It is noted that the terminology used herein is for the purpose of describing particular embodiments only and is not intended to be limiting of exemplary embodiments according to the present invention. As used herein, the singular forms also are intended to include the plural forms unless the present invention clearly dictates otherwise, and furthermore, it should be understood that when the terms "comprise" and/or "include" are used in this specification, they specify the presence of stated features, steps, operations, devices, components, and/or combinations thereof;

The terms "mounted," "connected," "secured," and the like in this disclosure are to be construed broadly, and they may be, for example, fixedly connected, detachably connected, or integrally connected, mechanically connected, electrically connected, directly connected, indirectly connected through an intermediate medium, internally connected, or the interaction of two elements, as will be apparent to those of ordinary skill in the art, in view of the detailed description of the disclosure.

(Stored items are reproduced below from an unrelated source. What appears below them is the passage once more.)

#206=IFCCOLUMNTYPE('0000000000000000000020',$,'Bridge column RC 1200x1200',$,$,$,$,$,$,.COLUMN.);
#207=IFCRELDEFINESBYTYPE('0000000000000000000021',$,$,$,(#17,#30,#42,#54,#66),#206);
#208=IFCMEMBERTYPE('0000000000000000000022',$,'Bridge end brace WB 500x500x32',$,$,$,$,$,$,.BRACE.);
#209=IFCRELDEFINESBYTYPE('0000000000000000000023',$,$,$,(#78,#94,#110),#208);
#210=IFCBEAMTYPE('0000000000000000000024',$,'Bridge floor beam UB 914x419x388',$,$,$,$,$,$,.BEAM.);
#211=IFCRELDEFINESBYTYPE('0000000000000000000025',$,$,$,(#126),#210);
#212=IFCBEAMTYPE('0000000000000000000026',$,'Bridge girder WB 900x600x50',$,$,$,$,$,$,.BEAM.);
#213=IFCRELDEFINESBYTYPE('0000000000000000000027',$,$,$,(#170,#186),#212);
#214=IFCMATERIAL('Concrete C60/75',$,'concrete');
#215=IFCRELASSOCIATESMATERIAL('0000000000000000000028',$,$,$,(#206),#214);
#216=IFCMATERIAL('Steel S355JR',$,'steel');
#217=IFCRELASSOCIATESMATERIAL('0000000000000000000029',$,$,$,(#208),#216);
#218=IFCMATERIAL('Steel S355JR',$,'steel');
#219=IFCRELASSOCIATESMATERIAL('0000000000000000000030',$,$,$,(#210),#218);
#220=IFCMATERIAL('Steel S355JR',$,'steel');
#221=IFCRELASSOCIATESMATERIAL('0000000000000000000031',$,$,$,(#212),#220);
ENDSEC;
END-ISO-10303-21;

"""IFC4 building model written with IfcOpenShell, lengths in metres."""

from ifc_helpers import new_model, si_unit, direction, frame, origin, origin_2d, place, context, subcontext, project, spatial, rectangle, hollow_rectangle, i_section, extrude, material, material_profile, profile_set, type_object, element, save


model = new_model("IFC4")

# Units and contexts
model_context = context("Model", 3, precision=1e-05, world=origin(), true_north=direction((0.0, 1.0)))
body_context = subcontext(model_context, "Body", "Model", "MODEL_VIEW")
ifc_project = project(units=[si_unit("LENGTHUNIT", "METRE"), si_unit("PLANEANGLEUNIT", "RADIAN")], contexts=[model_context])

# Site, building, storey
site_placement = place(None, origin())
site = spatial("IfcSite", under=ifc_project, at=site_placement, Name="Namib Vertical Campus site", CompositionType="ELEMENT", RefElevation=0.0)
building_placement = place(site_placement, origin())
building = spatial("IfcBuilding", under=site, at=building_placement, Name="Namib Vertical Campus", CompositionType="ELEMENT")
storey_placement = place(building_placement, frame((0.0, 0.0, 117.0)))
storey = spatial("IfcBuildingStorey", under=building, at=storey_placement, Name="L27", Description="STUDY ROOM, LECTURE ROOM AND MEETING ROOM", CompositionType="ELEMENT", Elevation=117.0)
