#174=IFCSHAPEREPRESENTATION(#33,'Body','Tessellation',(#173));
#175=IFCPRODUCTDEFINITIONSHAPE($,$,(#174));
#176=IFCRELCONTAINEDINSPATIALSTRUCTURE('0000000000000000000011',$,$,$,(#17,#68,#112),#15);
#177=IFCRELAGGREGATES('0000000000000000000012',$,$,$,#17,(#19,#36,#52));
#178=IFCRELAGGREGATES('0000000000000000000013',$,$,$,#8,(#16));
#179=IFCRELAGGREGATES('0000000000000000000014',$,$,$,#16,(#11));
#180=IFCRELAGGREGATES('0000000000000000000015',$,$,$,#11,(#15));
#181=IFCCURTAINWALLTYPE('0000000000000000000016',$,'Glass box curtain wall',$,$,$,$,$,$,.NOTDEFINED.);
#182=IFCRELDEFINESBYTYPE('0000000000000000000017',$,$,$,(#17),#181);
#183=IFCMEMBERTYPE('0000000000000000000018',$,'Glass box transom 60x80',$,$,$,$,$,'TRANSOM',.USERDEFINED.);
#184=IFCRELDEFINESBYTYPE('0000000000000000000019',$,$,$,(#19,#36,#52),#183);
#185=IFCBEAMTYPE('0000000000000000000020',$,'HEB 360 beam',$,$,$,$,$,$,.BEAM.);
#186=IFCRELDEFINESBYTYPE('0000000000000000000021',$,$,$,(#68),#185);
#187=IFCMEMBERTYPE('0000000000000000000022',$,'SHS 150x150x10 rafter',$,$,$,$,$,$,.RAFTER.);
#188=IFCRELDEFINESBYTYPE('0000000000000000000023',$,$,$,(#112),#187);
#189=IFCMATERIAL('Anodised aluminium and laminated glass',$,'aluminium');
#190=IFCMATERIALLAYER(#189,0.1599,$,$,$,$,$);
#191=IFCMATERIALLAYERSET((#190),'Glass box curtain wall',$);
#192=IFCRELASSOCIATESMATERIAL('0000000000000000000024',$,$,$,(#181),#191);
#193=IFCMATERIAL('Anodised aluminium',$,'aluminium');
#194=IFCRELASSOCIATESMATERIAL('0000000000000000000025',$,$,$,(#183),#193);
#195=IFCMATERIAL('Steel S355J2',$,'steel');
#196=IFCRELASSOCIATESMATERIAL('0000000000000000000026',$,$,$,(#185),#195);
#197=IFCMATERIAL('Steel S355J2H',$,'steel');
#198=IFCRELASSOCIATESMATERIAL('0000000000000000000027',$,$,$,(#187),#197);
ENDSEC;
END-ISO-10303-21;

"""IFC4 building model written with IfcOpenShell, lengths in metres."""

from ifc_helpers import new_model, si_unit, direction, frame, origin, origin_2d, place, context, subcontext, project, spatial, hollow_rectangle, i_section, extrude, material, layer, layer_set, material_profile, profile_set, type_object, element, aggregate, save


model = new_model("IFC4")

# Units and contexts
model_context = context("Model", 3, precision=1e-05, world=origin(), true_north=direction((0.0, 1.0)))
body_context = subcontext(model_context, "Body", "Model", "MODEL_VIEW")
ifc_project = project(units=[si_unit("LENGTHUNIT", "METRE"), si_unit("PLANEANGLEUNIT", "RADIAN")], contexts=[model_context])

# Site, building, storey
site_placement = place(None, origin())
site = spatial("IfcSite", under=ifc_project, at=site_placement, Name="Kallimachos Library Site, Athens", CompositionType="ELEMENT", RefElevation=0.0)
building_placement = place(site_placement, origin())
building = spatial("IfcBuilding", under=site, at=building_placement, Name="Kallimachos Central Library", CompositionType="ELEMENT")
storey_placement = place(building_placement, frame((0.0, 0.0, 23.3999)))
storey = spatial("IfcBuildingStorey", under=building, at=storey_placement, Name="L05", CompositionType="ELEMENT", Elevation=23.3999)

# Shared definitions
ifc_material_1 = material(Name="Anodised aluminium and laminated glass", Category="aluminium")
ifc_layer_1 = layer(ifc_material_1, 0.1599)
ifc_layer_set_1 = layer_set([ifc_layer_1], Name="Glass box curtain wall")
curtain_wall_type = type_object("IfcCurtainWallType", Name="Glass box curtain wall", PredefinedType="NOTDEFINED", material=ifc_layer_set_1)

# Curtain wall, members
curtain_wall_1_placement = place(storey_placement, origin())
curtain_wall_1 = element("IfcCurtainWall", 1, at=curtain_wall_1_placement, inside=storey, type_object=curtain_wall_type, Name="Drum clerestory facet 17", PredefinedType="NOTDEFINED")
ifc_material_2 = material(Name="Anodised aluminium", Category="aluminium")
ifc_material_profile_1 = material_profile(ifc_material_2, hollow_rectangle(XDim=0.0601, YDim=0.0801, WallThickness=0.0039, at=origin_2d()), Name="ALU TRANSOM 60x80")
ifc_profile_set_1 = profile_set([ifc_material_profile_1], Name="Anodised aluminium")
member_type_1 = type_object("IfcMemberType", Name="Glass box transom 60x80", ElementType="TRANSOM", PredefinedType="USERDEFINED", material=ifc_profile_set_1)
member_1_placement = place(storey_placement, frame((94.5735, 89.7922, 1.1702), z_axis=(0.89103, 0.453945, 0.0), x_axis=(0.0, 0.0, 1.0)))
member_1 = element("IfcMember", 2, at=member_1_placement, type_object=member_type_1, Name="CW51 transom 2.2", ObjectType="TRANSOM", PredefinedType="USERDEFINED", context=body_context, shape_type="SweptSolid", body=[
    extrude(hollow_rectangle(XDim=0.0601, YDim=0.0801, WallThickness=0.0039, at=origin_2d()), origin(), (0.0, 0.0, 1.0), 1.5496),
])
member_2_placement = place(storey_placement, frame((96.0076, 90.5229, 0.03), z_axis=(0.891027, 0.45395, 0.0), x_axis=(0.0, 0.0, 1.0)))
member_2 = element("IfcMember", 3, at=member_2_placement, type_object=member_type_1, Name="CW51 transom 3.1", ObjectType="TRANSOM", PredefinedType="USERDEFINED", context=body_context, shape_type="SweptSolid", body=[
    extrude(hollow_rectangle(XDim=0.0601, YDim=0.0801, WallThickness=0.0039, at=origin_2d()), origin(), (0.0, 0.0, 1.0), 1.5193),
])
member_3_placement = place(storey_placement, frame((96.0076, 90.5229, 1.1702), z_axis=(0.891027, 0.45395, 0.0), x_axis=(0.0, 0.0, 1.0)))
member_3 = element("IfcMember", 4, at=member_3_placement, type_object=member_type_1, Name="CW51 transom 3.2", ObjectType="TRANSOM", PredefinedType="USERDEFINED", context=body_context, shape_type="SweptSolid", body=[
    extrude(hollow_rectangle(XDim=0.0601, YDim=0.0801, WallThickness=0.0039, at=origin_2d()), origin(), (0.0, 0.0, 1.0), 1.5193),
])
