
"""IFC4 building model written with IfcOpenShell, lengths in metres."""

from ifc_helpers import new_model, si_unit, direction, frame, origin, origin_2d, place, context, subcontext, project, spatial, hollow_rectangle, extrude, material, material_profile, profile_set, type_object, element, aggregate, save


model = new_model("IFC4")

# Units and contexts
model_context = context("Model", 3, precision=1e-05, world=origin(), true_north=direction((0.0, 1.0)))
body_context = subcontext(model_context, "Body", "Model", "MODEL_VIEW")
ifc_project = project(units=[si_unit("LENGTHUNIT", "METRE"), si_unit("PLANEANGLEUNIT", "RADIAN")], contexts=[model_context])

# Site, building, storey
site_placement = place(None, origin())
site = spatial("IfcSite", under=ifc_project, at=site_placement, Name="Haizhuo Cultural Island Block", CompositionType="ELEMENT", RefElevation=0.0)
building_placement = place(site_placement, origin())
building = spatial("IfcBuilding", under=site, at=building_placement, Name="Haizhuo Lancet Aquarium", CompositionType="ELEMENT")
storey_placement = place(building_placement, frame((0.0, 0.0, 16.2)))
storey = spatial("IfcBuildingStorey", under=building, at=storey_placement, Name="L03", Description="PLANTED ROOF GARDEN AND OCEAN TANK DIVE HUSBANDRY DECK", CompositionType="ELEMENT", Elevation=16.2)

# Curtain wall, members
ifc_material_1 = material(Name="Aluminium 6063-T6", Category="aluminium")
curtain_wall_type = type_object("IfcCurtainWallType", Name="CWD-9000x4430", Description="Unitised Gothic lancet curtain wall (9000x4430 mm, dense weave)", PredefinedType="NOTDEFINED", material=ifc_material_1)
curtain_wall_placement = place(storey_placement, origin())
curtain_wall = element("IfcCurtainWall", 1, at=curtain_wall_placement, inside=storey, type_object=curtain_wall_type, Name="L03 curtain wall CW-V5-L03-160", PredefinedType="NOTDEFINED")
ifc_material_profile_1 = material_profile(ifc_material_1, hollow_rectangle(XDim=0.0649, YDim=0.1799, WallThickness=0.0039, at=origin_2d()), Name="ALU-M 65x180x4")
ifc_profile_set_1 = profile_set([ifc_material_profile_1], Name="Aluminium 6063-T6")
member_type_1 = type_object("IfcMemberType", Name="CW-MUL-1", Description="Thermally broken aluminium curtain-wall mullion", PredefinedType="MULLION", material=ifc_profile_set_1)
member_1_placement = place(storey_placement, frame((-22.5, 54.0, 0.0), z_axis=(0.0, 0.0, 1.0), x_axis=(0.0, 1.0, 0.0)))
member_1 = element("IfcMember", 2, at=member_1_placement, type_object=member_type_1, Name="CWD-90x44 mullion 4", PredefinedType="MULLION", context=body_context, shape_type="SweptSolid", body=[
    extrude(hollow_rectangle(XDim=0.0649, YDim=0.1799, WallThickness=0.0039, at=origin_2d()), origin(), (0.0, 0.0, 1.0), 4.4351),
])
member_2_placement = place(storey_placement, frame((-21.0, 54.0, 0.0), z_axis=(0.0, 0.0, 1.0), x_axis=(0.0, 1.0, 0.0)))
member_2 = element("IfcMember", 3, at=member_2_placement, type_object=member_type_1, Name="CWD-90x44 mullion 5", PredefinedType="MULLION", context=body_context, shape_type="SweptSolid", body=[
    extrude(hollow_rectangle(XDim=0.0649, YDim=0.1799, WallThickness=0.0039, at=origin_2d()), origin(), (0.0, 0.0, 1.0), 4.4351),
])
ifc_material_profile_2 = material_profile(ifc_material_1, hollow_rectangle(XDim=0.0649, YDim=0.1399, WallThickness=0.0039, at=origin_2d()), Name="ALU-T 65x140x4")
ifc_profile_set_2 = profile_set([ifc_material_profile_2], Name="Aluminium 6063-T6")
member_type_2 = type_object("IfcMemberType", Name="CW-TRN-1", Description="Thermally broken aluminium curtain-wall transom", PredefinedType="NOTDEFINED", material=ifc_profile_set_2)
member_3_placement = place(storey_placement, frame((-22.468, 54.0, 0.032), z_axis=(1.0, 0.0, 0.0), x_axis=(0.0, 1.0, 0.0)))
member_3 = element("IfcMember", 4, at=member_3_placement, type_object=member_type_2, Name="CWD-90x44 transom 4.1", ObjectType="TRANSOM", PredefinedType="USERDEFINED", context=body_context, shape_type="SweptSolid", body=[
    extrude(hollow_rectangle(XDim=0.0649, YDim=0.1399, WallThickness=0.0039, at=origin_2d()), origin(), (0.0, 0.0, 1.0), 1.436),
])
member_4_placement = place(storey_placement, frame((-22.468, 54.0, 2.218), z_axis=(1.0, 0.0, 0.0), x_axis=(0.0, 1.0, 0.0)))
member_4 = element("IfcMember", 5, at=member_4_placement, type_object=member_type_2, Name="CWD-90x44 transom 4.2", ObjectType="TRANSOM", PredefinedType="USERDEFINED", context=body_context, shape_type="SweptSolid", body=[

As described in the background art, the invention provides a baler bale pressure detection device and a baler bale pressure detection method for solving the technical problems.

The embodiment discloses bundling machine bale pressure detection device and monitoring method, combines fig. 1 through 6, including bundling connecting rod 1, guard shield 2 passes through bolt and bundling connecting rod 1 fixed connection, and guard shield 2 is soft rubber material, easily takes place slight compression deformation, and guard shield 2 adopts rubber material mainly not to influence the deformation volume of bundling connecting rod for dustproof.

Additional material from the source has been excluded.